Overall, the findings of both studies highlight the need for a deeper awareness of genetic code discrepancies across the tree of life. Otherwise, use of an incorrect code when inferring protein sequences from DNA sequences could lead to inaccuracies in predicted protein sequences that are used for both phylogenetic and molecular biology analyses. Moreover, according to Noutahi and colleagues, "The two publications have been successful in predicting specific changes in the meaning of codons by using publicly available data, without biochemical experimentation, yet with high confidence."
However, they also note that both studies are strictly computational in nature and that "this type of 'paper biochemistry' has its limitations. Only evolutionarily well-established instances of codon evolution may be inferred (i.e., not including cases of initial or incomplete stages), and although changes to the tRNA repertoire, structure, and specificity may be inferred to some degree, biochemical confirmation is critically required." This limitation was also pointed out by Elias, who noted that his group plans to employ proteomics methods to verify some of their bioinformatic predictions concerning the various presumably reassigned codons. "Unfortunately," continues Elias, "non-standard genetic codes are generally found in organisms that are difficult to study by direct biochemical or genetic approaches, so it remains a challenge to get a deeper understanding of the molecular mechanisms behind the observed changes in codon meaning."
Future investigations will almost certainly uncover additional, as-yet-unidentified changes in the genetic code in various organisms.
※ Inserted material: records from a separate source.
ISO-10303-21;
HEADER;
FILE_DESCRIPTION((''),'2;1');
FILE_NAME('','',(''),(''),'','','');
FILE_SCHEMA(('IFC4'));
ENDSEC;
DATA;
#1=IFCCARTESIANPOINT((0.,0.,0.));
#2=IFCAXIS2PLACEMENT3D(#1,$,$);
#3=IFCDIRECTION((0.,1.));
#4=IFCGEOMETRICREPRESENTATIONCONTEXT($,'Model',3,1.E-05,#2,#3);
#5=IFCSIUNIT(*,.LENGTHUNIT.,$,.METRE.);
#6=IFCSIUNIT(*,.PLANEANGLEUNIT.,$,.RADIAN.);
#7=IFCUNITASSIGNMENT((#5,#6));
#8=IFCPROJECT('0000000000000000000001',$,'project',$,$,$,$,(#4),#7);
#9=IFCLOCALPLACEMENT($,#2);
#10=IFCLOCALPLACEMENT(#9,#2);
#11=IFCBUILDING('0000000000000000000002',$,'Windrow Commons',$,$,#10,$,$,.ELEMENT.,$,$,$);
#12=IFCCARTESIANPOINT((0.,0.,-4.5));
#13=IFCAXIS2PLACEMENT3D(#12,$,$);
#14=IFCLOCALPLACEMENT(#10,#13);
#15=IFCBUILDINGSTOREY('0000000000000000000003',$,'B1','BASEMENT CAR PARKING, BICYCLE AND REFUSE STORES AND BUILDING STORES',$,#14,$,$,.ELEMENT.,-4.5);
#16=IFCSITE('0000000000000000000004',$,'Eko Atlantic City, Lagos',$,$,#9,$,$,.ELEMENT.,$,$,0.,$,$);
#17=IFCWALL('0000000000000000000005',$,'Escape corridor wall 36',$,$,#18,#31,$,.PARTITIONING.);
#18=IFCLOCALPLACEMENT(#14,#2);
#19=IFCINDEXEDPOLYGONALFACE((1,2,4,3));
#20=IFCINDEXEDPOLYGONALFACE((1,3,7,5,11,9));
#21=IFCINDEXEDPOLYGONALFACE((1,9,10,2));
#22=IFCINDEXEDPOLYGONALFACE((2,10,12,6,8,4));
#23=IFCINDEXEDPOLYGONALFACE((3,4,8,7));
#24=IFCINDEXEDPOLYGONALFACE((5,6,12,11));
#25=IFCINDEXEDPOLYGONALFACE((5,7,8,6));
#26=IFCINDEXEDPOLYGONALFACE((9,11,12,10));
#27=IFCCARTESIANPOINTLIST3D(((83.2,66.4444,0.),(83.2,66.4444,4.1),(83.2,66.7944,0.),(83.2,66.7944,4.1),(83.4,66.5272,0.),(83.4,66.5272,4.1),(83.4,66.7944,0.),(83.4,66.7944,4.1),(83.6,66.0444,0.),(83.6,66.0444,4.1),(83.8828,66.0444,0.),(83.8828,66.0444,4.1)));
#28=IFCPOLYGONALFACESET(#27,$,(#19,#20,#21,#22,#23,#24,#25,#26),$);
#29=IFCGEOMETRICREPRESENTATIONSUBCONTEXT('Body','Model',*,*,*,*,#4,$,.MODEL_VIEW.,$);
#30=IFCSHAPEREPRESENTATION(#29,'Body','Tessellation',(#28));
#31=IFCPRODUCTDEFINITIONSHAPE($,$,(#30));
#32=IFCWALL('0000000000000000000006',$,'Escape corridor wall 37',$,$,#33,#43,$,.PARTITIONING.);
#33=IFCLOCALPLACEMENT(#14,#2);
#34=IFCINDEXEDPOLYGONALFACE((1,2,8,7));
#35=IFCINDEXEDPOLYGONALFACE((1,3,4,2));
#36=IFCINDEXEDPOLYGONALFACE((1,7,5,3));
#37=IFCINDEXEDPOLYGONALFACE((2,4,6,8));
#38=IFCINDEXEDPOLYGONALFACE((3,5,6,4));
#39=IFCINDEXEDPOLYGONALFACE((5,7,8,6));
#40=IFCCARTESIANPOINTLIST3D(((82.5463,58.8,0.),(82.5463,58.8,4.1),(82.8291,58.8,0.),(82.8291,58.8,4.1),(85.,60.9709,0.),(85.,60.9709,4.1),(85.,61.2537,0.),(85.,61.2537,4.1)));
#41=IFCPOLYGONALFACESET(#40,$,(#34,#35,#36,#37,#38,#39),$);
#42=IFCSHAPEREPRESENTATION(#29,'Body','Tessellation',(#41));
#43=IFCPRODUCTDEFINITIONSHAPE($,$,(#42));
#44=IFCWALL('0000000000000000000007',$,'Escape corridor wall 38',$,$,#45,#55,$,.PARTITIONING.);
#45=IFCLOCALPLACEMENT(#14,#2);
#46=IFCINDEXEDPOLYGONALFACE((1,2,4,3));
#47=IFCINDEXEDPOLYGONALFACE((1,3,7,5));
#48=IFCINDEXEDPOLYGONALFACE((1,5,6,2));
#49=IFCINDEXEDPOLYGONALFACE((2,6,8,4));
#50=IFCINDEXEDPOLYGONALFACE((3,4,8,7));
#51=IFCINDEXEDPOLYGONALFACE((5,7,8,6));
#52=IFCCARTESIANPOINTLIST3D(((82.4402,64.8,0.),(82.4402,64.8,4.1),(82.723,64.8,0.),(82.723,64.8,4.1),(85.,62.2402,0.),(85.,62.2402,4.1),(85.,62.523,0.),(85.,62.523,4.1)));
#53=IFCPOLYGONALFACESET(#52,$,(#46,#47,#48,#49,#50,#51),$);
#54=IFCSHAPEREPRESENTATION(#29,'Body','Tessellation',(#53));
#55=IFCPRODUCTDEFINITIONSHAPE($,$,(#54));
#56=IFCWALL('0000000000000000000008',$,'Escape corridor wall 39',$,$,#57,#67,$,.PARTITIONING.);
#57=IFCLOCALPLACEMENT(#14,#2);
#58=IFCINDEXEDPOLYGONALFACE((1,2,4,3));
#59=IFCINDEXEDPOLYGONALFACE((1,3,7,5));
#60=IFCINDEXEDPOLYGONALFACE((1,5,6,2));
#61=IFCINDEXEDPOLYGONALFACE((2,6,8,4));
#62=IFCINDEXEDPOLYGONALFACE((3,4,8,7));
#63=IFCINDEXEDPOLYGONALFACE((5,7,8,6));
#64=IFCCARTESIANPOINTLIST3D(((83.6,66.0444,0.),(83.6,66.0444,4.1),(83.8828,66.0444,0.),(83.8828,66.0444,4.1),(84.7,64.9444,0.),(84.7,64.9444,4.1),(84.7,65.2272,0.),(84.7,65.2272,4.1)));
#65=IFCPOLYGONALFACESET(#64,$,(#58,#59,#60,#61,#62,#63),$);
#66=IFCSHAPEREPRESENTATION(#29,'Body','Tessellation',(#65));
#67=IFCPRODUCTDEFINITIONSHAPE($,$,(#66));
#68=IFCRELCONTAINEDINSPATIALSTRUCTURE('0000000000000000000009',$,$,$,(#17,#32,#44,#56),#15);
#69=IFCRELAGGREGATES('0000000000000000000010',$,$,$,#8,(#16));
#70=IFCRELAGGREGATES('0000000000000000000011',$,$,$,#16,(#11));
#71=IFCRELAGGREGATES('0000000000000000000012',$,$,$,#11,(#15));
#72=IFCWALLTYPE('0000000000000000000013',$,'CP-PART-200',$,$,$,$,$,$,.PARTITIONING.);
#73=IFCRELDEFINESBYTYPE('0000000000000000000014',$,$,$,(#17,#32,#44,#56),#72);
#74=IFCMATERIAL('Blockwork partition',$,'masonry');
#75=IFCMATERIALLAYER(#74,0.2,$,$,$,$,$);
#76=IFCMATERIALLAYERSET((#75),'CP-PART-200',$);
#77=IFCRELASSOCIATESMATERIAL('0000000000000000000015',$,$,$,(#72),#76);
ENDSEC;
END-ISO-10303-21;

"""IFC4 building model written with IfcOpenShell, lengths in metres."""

from ifc_helpers import new_model, si_unit, direction, frame, origin, place, context, subcontext, project, spatial, polyline, outline, extrude, material, layer, layer_set, type_object, element, save


model = new_model("IFC4")

# Units and contexts
model_context = context("Model", 3, precision=1e-05, world=origin(), true_north=direction((0.0, 1.0)))
body_context = subcontext(model_context, "Body", "Model", "MODEL_VIEW")
ifc_project = project(units=[si_unit("LENGTHUNIT", "METRE"), si_unit("PLANEANGLEUNIT", "RADIAN")], contexts=[model_context])

# Site, building, storey
site_placement = place(None, origin())
site = spatial("IfcSite", under=ifc_project, at=site_placement, Name="Eko Atlantic City, Lagos", CompositionType="ELEMENT", RefElevation=0.0)
building_placement = place(site_placement, origin())
building = spatial("IfcBuilding", under=site, at=building_placement, Name="Windrow Commons", CompositionType="ELEMENT")
storey_placement = place(building_placement, frame((0.0, 0.0, -4.5)))
storey = spatial("IfcBuildingStorey", under=building, at=storey_placement, Name="B1", Description="BASEMENT CAR PARKING, BICYCLE AND REFUSE STORES AND BUILDING STORES", CompositionType="ELEMENT", Elevation=-4.5)

# Walls
ifc_material = material(Name="Blockwork partition", Category="masonry")
ifc_layer = layer(ifc_material, 0.2)
ifc_layer_set = layer_set([ifc_layer], Name="CP-PART-200")
wall_type = type_object("IfcWallType", Name="CP-PART-200", PredefinedType="PARTITIONING", material=ifc_layer_set)
placement = place(storey_placement, origin())
element("IfcWall", 1, at=placement, inside=storey, type_object=wall_type, Name="Escape corridor wall 36", PredefinedType="PARTITIONING", context=body_context, shape_type="SweptSolid", body=[
    extrude(outline(polyline([(83.6, 66.0444), (83.8828, 66.0444), (83.4, 66.5272), (83.4, 66.7944), (83.2, 66.7944), (83.2, 66.4444), (83.6, 66.0444)])), origin(), (0.0, 0.0, 1.0), 4.1),
])
element("IfcWall", 2, at=placement, inside=storey, type_object=wall_type, Name="Escape corridor wall 37", PredefinedType="PARTITIONING", context=body_context, shape_type="SweptSolid", body=[
    extrude(outline(polyline([(82.8291, 58.8), (85.0, 60.9709), (85.0, 61.2537), (82.5463, 58.8), (82.8291, 58.8)])), origin(), (0.0, 0.0, 1.0), 4.1),
])
element("IfcWall", 3, at=placement, inside=storey, type_object=wall_type, Name="Escape corridor wall 38", PredefinedType="PARTITIONING", context=body_context, shape_type="SweptSolid", body=[
    extrude(outline(polyline([(85.0, 62.523), (82.723, 64.8), (82.4402, 64.8), (85.0, 62.2402), (85.0, 62.523)])), origin(), (0.0, 0.0, 1.0), 4.1),
])
element("IfcWall", 4, at=placement, inside=storey, type_object=wall_type, Name="Escape corridor wall 39", PredefinedType="PARTITIONING", context=body_context, shape_type="SweptSolid", body=[
    extrude(outline(polyline([(84.7, 65.2272), (83.8828, 66.0444), (83.6, 66.0444), (84.7, 64.9444), (84.7, 65.2272)])), origin(), (0.0, 0.0, 1.0), 4.1),
])

save(model, "model.ifc")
Indeed, notes Elias, "We are also analyzing some exciting new cases of genetic code modification in nuclear genomes of certain obscure protists that were uncovered by our survey of publicly available sequence data." Furthermore, the authors of the Noutahi et al. study point out that, given "how rapidly this field is evolving, due to an ever increasing number of reports on deviations from the standard genetic code--particularly in eukaryotes and their organelles... the journey to understanding codon evolution with all of its mechanistic implications has just begun."